Notifications You must be signed in to change notification settings

pivothorizon/leo

Repository files navigation

Leo - A Machine Learning Industrialization Tool

Leo makes it easier to deploy your trained models by wrapping them in a common API, generating API documentation, and providing a variety of popular tools for tasks such as logging, monitoring and CI/CD pipelines out of the box.

The Leo interface

Leo provides a common interface for using trained models. A number of popular models have implementations for this interface, and more can be written to support any type of model.

Using Leo one can generate a project structure which will include all the necessary components for industrialization of ML models

Workflow

A new Leo project may be generated using the leo create command. This will start an interactive process in which you can choose to enable components of various types, which are listed below.
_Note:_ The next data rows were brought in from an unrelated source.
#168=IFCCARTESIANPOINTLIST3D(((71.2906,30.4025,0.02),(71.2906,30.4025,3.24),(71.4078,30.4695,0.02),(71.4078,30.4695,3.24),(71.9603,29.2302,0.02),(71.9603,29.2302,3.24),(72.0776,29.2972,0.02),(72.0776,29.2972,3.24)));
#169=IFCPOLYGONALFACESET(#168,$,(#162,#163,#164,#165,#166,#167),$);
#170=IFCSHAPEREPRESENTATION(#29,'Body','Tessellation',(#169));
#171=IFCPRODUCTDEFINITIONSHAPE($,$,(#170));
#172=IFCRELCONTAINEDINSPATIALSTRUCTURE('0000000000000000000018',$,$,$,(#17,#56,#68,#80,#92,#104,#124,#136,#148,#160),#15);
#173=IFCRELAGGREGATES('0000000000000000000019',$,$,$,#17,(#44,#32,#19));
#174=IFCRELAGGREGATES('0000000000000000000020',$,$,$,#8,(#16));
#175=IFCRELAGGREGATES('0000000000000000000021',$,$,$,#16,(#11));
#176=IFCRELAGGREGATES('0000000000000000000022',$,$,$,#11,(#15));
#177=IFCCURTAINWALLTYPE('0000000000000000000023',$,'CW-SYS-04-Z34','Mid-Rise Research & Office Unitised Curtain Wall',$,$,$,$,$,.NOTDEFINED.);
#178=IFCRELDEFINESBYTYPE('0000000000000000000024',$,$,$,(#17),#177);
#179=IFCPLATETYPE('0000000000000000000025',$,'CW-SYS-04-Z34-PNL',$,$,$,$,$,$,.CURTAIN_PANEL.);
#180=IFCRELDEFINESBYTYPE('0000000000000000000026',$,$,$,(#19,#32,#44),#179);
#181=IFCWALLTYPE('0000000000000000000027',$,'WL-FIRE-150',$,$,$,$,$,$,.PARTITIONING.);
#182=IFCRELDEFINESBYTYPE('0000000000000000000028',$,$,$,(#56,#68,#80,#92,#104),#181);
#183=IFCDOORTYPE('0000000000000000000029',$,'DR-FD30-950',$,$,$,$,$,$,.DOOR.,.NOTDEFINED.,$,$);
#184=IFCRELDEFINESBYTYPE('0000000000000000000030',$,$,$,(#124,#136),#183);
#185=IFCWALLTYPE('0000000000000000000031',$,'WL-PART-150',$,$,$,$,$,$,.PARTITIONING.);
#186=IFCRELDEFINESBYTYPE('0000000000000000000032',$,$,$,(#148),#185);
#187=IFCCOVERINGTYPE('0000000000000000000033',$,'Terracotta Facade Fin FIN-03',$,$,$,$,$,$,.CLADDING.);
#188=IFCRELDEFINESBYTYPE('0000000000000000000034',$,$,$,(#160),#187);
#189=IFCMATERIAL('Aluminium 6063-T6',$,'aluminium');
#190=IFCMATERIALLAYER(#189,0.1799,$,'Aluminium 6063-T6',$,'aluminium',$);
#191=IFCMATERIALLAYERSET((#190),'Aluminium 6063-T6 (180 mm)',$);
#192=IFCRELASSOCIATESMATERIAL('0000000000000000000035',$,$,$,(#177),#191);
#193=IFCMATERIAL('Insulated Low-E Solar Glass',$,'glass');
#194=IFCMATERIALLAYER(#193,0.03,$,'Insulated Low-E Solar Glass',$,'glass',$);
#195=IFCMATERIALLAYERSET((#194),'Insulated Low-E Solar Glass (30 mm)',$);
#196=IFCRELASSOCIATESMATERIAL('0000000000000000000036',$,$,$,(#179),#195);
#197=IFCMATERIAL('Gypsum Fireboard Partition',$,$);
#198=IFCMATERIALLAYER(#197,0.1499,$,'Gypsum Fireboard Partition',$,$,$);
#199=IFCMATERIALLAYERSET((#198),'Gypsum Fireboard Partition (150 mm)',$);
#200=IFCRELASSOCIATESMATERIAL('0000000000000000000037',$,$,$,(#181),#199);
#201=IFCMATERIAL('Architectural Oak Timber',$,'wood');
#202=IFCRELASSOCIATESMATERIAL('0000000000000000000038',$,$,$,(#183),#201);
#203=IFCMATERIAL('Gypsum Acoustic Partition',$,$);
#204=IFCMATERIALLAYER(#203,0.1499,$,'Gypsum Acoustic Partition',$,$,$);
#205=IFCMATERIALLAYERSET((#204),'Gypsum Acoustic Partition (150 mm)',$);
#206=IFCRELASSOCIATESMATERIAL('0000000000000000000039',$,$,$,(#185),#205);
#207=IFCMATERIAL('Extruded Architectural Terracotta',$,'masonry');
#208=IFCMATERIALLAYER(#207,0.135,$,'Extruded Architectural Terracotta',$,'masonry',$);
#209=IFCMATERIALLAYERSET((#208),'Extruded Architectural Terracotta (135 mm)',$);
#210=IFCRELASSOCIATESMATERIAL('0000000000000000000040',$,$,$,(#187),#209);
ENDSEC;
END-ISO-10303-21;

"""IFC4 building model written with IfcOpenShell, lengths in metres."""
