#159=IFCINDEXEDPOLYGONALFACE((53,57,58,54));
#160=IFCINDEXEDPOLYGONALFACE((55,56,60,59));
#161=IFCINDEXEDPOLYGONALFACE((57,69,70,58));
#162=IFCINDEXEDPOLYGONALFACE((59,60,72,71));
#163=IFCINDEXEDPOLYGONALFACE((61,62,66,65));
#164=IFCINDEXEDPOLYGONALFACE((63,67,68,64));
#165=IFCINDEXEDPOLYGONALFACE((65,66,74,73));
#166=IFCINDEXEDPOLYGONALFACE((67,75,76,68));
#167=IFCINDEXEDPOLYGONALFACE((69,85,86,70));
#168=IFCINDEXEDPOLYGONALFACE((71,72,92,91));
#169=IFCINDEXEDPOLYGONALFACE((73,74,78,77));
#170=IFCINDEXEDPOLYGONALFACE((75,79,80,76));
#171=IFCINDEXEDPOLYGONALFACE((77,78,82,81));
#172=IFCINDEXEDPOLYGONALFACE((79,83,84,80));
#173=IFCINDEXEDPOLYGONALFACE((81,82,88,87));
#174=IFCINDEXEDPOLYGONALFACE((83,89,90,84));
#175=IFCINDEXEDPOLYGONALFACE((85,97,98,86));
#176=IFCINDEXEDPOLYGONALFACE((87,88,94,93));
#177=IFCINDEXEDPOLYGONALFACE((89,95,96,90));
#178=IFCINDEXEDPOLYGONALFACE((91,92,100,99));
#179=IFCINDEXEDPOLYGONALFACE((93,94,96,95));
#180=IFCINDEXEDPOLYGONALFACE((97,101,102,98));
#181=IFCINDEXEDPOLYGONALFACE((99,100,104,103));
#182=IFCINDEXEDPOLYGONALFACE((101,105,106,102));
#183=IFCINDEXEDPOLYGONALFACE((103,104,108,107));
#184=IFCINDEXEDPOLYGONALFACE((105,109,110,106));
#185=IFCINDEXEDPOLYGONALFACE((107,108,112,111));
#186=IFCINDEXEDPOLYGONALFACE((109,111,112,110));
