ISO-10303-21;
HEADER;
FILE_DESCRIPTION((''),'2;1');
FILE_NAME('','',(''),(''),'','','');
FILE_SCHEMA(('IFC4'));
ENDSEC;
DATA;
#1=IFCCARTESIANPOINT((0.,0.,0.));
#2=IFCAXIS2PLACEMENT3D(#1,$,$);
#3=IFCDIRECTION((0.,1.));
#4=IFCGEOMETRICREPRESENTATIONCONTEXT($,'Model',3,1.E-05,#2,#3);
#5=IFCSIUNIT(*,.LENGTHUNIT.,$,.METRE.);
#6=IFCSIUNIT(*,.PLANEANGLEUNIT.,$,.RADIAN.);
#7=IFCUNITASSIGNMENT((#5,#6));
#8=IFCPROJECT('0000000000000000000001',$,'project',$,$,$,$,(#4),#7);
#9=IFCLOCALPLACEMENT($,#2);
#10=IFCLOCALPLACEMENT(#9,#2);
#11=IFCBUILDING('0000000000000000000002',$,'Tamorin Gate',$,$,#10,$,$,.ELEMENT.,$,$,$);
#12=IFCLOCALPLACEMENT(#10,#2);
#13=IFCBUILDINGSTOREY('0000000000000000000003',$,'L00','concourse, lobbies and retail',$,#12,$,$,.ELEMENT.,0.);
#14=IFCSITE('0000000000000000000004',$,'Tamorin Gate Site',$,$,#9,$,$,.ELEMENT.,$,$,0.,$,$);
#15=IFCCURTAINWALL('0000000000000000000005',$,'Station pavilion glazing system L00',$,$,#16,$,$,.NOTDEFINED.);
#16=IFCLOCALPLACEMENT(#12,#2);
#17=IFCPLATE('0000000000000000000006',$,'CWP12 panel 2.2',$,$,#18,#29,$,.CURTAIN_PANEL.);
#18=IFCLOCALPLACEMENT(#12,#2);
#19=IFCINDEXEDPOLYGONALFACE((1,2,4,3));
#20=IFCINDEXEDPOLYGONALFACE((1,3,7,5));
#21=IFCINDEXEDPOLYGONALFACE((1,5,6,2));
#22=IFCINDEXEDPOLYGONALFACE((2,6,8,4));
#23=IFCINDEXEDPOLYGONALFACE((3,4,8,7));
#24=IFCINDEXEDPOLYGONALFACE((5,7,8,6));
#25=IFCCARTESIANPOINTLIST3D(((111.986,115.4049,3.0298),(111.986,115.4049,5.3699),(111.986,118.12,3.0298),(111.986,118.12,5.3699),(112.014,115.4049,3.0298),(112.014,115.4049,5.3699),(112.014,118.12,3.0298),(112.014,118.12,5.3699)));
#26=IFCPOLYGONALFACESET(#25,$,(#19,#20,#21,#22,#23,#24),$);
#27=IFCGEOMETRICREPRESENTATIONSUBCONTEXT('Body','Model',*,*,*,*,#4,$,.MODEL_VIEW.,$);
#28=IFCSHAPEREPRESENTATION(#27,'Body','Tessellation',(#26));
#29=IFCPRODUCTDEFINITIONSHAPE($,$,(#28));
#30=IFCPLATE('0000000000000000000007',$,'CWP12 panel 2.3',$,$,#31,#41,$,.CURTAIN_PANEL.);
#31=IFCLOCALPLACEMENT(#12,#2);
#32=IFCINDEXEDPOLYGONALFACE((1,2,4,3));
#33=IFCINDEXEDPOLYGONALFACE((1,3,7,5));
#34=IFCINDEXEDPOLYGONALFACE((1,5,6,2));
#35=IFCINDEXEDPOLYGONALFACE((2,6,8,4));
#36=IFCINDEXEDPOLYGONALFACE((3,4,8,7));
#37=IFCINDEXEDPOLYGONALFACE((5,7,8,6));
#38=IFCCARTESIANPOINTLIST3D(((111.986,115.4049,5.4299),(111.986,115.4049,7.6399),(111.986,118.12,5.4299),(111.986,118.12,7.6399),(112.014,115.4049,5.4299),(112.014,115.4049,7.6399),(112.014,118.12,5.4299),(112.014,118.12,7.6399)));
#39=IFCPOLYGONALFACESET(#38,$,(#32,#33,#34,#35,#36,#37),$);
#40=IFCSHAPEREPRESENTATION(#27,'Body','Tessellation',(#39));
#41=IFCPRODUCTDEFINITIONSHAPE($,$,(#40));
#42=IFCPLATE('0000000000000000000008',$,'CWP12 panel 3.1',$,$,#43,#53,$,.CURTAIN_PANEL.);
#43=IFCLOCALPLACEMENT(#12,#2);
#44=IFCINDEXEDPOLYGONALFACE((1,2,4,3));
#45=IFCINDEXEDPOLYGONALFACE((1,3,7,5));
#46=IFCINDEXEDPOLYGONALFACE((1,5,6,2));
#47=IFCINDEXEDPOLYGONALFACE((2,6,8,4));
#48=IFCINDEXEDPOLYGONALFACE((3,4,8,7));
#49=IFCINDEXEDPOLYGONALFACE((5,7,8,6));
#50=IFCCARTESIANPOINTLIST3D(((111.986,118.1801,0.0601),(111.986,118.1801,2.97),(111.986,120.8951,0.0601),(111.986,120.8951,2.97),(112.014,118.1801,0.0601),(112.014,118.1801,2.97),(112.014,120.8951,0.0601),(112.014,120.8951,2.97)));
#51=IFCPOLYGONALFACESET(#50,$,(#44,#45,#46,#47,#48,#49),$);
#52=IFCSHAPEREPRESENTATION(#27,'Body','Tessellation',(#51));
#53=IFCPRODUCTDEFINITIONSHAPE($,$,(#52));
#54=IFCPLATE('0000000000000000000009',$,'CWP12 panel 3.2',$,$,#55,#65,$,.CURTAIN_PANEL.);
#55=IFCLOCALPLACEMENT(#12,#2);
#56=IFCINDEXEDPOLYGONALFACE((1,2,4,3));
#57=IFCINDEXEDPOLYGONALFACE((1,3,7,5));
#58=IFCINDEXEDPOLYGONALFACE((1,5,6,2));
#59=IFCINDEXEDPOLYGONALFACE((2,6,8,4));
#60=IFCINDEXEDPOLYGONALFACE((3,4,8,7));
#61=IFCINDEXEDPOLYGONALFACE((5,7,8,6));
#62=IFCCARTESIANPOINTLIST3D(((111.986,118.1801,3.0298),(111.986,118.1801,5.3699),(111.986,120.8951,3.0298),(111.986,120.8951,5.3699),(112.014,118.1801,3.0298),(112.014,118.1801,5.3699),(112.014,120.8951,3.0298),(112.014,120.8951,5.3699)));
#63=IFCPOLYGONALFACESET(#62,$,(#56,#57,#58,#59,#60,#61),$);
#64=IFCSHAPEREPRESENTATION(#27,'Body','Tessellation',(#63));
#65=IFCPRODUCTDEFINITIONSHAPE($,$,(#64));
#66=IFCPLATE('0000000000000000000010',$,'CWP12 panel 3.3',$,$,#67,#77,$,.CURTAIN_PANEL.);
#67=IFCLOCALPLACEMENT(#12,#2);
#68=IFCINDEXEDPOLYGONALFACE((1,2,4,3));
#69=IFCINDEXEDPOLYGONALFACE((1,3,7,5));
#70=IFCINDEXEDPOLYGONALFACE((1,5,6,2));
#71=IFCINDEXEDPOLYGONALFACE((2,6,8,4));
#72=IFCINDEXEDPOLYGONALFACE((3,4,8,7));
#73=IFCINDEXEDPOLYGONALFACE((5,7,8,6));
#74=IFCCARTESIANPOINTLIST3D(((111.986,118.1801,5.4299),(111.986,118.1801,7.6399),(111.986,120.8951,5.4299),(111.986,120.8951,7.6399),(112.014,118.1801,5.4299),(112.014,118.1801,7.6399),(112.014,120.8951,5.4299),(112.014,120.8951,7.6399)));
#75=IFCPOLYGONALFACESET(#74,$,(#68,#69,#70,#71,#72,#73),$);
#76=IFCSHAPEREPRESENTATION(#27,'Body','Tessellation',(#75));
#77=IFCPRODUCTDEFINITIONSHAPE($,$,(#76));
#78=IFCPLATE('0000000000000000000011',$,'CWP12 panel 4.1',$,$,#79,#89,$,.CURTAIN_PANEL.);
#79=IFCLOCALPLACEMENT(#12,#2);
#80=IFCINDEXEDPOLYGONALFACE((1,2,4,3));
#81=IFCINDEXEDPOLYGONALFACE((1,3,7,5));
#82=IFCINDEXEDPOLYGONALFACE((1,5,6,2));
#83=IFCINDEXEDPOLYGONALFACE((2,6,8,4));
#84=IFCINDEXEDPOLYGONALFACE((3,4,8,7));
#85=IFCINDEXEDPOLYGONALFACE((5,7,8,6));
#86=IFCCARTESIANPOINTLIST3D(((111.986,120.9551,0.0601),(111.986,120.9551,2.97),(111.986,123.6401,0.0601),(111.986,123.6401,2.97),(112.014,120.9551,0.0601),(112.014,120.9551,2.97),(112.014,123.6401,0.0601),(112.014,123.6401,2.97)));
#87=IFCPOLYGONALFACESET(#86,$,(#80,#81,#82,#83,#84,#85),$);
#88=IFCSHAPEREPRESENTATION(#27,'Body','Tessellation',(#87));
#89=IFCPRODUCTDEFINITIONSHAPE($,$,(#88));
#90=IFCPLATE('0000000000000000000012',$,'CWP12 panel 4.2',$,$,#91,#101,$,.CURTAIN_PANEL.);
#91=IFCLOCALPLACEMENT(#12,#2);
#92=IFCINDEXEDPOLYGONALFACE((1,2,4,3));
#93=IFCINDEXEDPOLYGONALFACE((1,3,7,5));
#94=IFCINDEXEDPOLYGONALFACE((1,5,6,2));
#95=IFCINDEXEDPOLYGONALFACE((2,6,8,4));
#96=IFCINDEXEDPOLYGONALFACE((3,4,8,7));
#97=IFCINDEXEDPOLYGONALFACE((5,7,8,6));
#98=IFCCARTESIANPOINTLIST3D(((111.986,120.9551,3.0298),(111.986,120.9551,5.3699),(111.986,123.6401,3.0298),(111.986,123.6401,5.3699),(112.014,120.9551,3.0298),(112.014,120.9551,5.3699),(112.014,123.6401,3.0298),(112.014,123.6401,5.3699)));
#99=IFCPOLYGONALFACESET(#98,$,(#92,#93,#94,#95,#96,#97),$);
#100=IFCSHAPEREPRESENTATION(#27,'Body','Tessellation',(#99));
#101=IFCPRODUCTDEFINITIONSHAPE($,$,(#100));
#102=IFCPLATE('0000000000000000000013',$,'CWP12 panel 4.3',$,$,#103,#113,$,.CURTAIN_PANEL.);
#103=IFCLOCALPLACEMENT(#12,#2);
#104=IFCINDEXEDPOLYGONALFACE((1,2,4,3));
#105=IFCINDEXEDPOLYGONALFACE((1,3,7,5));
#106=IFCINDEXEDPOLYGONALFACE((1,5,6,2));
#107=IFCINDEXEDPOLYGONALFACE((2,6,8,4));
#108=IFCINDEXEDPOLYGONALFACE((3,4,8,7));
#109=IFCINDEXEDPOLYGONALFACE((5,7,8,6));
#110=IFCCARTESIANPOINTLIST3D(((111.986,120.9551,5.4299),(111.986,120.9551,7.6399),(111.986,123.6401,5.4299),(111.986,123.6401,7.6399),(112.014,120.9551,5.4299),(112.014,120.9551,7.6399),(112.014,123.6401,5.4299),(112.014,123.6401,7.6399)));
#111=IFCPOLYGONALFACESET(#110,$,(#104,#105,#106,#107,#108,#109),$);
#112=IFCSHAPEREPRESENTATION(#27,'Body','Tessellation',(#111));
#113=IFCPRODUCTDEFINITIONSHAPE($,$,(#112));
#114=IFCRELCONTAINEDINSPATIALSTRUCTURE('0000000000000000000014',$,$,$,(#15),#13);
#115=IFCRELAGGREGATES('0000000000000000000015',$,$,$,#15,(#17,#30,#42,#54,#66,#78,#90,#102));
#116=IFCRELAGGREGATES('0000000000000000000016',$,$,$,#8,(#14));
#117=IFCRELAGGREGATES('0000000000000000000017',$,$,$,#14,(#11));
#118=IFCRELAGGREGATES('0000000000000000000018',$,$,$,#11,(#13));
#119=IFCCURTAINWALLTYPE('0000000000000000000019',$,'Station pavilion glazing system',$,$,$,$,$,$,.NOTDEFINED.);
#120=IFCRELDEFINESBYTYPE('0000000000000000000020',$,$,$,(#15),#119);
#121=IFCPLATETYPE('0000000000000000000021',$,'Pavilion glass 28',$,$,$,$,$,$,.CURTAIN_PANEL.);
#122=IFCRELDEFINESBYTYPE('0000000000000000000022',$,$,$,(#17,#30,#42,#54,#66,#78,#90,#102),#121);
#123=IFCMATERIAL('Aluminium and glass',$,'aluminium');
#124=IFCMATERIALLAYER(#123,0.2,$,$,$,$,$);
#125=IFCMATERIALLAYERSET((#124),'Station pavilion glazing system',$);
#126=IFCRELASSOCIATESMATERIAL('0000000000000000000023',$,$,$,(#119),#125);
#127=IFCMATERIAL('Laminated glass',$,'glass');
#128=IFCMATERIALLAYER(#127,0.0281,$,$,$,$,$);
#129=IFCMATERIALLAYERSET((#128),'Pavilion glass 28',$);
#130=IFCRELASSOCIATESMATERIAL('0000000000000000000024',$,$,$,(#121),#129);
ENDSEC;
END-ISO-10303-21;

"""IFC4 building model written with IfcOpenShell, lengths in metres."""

from ifc_helpers import new_model, si_unit, direction, frame, origin, origin_2d, place, context, subcontext, project, spatial, rectangle, extrude, material, layer, layer_set, type_object, element, aggregate, save


model = new_model("IFC4")

# Units and contexts
model_context = context("Model", 3, precision=1e-05, world=origin(), true_north=direction((0.0, 1.0)))
body_context = subcontext(model_context, "Body", "Model", "MODEL_VIEW")
ifc_project = project(units=[si_unit("LENGTHUNIT", "METRE"), si_unit("PLANEANGLEUNIT", "RADIAN")], contexts=[model_context])

# Site, building, storey
site_placement = place(None, origin())
site = spatial("IfcSite", under=ifc_project, at=site_placement, Name="Tamorin Gate Site", CompositionType="ELEMENT", RefElevation=0.0)
building_placement = place(site_placement, origin())
building = spatial("IfcBuilding", under=site, at=building_placement, Name="Tamorin Gate", CompositionType="ELEMENT")
storey_placement = place(building_placement, origin())
storey = spatial("IfcBuildingStorey", under=building, at=storey_placement, Name="L00", Description="concourse, lobbies and retail", CompositionType="ELEMENT", Elevation=0.0)

# Curtain wall, plates
ifc_material_1 = material(Name="Aluminium and glass", Category="aluminium")
ifc_layer_1 = layer(ifc_material_1, 0.2)
ifc_layer_set_1 = layer_set([ifc_layer_1], Name="Station pavilion glazing system")
curtain_wall_type = type_object("IfcCurtainWallType", Name="Station pavilion glazing system", PredefinedType="NOTDEFINED", material=ifc_layer_set_1)
curtain_wall_placement = place(storey_placement, origin())
curtain_wall = element("IfcCurtainWall", 1, at=curtain_wall_placement, inside=storey, type_object=curtain_wall_type, Name="Station pavilion glazing system L00", PredefinedType="NOTDEFINED")
ifc_material_2 = material(Name="Laminated glass", Category="glass")
ifc_layer_2 = layer(ifc_material_2, 0.0281)
ifc_layer_set_2 = layer_set([ifc_layer_2], Name="Pavilion glass 28")
plate_type = type_object("IfcPlateType", Name="Pavilion glass 28", PredefinedType="CURTAIN_PANEL", material=ifc_layer_set_2)
plate_1_placement = place(storey_placement, frame((112.0, 116.7625, 3.0298), z_axis=(0.0, 0.0, 1.0), x_axis=(0.0, 1.0, 0.0)))
plate_1 = element("IfcPlate", 2, at=plate_1_placement, type_object=plate_type, Name="CWP12 panel 2.2", PredefinedType="CURTAIN_PANEL", context=body_context, shape_type="SweptSolid", body=[
    extrude(rectangle(XDim=2.7151, YDim=0.0281, at=origin_2d()), origin(), (0.0, 0.0, 1.0), 2.3401),
])
plate_2_placement = place(storey_placement, frame((112.0, 116.7625, 5.4299), z_axis=(0.0, 0.0, 1.0), x_axis=(0.0, 1.0, 0.0)))
plate_2 = element("IfcPlate", 3, at=plate_2_placement, type_object=plate_type, Name="CWP12 panel 2.3", PredefinedType="CURTAIN_PANEL", context=body_context, shape_type="SweptSolid", body=[
    extrude(rectangle(XDim=2.7151, YDim=0.0281, at=origin_2d()), origin(), (0.0, 0.0, 1.0), 2.21),
])
plate_3_placement = place(storey_placement, frame((112.0, 119.5376, 0.0601), z_axis=(0.0, 0.0, 1.0), x_axis=(0.0, 1.0, 0.0)))
plate_3 = element("IfcPlate", 4, at=plate_3_placement, type_object=plate_type, Name="CWP12 panel 3.1", PredefinedType="CURTAIN_PANEL", context=body_context, shape_type="SweptSolid", body=[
Except for a choice of web framework, all of these are optional.

Once the project has been generated, you will be able to implement the Leo interface. The module containing it is <<project name>>.model, and the name of the class is the same as the project name. The only method which must always be implemented by the user is predict, which should invoke the model on the provided input. Additionally, it may be necessary to implement load_model, which should read a trained model from a file. The default implementation will assume the model is stored as a pickle, though no assumptions are made as to the type of the pickled object. If your model is stored in a different format, or if special steps must be taken to load it, you will have to override load_model.

After the interface is implemented and a model has been trained, the API can be deployed. If you chose to enable Docker and/or Kubernetes support (see below), the required files will have already been generated. Remember to add any dependencies which you have added yourself to the requirements.txt file before deploying. Refer to the next section for details on how to deploy the API.

Project CLI

As part of creating a new project, Leo will generate a project-specific CLI. This interface can be used to deploy the API using either Docker or Kubernetes, provided that those options were enabled during the creation of the project.

It goes without saying that in order to deploy the API through Docker, Docker must first be correctly installed. If so, then the command python <<project name>>cli.py deploy docker will create and start the required containers. It is recommended to run this command within the project's virtual environment. The command python <<project name>>cli.py undeploy docker will stop the containers, though it will not delete them.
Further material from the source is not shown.